Throughout High School and college I was internally haunted and conflicted with an inferiority complex to every hip/popular San Diego community (Mission Beach, La Jolla, North Park, Kensington, Mission Valley, Gaslamp). I analyzed my community with so much self-hate because it was so painfully normal. All the homes are some shade of beige/crème. The architecture is homogeneous. The lake in Eastlake is artificial. There are no dolphins at dolphin beach. Eastlake greens, is really not that green, and there is no forest in the Eastlake woods.

So we don’t have cool zip code t-shirts like Mission Bay that say 92109, nor the hipsterish skinny jeans allure of North Park, nor the yuppie post ball-game nightlife of downtown, nor the elitist tradition of La Jolla, nor are we a singles Mecca like PB, but East Chula Vista is an ideal place for America’s most sacred institution: the family.

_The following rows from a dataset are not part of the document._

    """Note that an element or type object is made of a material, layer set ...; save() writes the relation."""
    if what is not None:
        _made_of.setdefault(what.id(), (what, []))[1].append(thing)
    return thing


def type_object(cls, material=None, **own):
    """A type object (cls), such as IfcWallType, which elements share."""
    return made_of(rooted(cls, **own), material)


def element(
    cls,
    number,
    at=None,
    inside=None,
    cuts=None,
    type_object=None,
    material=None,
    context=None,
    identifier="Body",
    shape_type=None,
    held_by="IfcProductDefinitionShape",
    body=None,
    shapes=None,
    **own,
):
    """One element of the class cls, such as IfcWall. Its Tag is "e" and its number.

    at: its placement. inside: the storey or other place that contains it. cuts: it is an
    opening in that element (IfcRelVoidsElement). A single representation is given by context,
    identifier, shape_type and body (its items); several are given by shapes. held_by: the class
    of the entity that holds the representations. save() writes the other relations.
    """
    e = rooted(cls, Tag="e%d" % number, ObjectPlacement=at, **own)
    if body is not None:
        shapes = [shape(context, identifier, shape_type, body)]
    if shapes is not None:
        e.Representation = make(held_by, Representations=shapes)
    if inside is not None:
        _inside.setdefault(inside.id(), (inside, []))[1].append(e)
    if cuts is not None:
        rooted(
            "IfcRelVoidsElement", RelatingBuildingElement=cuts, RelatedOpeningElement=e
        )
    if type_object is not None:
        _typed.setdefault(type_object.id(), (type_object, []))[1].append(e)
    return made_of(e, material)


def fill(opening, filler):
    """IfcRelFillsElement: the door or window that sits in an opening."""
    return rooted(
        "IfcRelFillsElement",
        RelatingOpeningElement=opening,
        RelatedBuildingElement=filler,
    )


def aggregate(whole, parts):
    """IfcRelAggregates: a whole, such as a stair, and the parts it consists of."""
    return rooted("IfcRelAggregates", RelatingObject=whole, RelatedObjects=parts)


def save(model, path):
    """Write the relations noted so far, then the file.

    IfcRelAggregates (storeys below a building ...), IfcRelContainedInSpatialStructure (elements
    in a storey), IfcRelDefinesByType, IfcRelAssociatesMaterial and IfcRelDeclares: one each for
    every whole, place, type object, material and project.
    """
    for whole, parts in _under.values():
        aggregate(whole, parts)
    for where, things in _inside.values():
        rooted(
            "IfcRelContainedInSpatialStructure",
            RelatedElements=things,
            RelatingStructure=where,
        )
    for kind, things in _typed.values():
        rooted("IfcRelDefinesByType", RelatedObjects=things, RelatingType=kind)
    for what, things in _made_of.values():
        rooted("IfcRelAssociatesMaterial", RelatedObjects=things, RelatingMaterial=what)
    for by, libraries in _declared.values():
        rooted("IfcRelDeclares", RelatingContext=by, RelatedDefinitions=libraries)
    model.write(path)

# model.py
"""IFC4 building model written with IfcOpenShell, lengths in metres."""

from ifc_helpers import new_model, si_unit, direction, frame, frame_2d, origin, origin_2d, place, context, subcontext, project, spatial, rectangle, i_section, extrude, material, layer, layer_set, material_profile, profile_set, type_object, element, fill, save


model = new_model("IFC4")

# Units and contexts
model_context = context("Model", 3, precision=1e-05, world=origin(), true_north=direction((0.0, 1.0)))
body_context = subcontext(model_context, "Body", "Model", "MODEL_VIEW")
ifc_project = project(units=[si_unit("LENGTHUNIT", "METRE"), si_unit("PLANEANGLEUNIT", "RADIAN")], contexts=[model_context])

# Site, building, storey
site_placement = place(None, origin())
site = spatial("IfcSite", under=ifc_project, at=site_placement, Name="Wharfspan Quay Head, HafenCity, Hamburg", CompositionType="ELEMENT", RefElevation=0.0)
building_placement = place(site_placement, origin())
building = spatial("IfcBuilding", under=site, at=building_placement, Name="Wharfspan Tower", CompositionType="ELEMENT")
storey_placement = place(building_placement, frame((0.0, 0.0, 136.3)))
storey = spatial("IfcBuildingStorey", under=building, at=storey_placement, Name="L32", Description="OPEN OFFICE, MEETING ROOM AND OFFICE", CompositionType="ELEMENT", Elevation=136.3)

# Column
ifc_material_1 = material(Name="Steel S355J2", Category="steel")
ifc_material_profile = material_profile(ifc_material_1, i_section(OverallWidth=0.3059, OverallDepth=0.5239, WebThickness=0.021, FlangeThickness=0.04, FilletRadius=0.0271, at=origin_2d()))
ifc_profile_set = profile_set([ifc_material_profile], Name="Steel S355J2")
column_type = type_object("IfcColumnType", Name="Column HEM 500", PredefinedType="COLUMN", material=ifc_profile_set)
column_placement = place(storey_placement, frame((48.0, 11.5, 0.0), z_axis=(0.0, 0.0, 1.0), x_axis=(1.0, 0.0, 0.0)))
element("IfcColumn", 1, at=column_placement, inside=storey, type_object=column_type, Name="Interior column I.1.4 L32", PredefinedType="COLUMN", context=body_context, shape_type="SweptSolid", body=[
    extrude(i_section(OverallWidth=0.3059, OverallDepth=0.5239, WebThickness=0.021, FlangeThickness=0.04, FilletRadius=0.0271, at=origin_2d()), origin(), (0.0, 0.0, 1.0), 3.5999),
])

Today my father had a colonoscopy. For the first time in my life, I realized that my father was mortal, that he was not superman. As I waited in the reception room, I got teary eyed because for the first-time in my life I was afraid of tomorrow. Growing up my father would routinely greet me as “campeon” or champ. My motivation academically and athletically was always to seek to his approval, to get his famous “champ” greeting. I never suspected that this would have such a profound emotional effect on me. As I sat there waiting I received various phone calls from work colleagues. The calls were work-related but they quickly shifted to my fathers’ colonoscopy because my friends could tell I was an emotional wreck. Three hours later, the doctor gave us a positive prognosis that the tests indicated that my father was cancer-free. When I arrived home I had 22 unread emails in my inbox. Two of the emails were from work-colleagues and the rest were from my students at Eastlake High. Somehow, they all knew that my father was getting some sort of testing done. All the emails expressed genuine concern and hope.

Today I realized why I chose to comeback to teach, live, and coach in the community I grew up in, because underneath the homogeneous architecture, the variations of beige, the lame stores, and the painful normality of East Chula Vista we have created an adolescent culture that is compassionate about humanity not nympho clubs.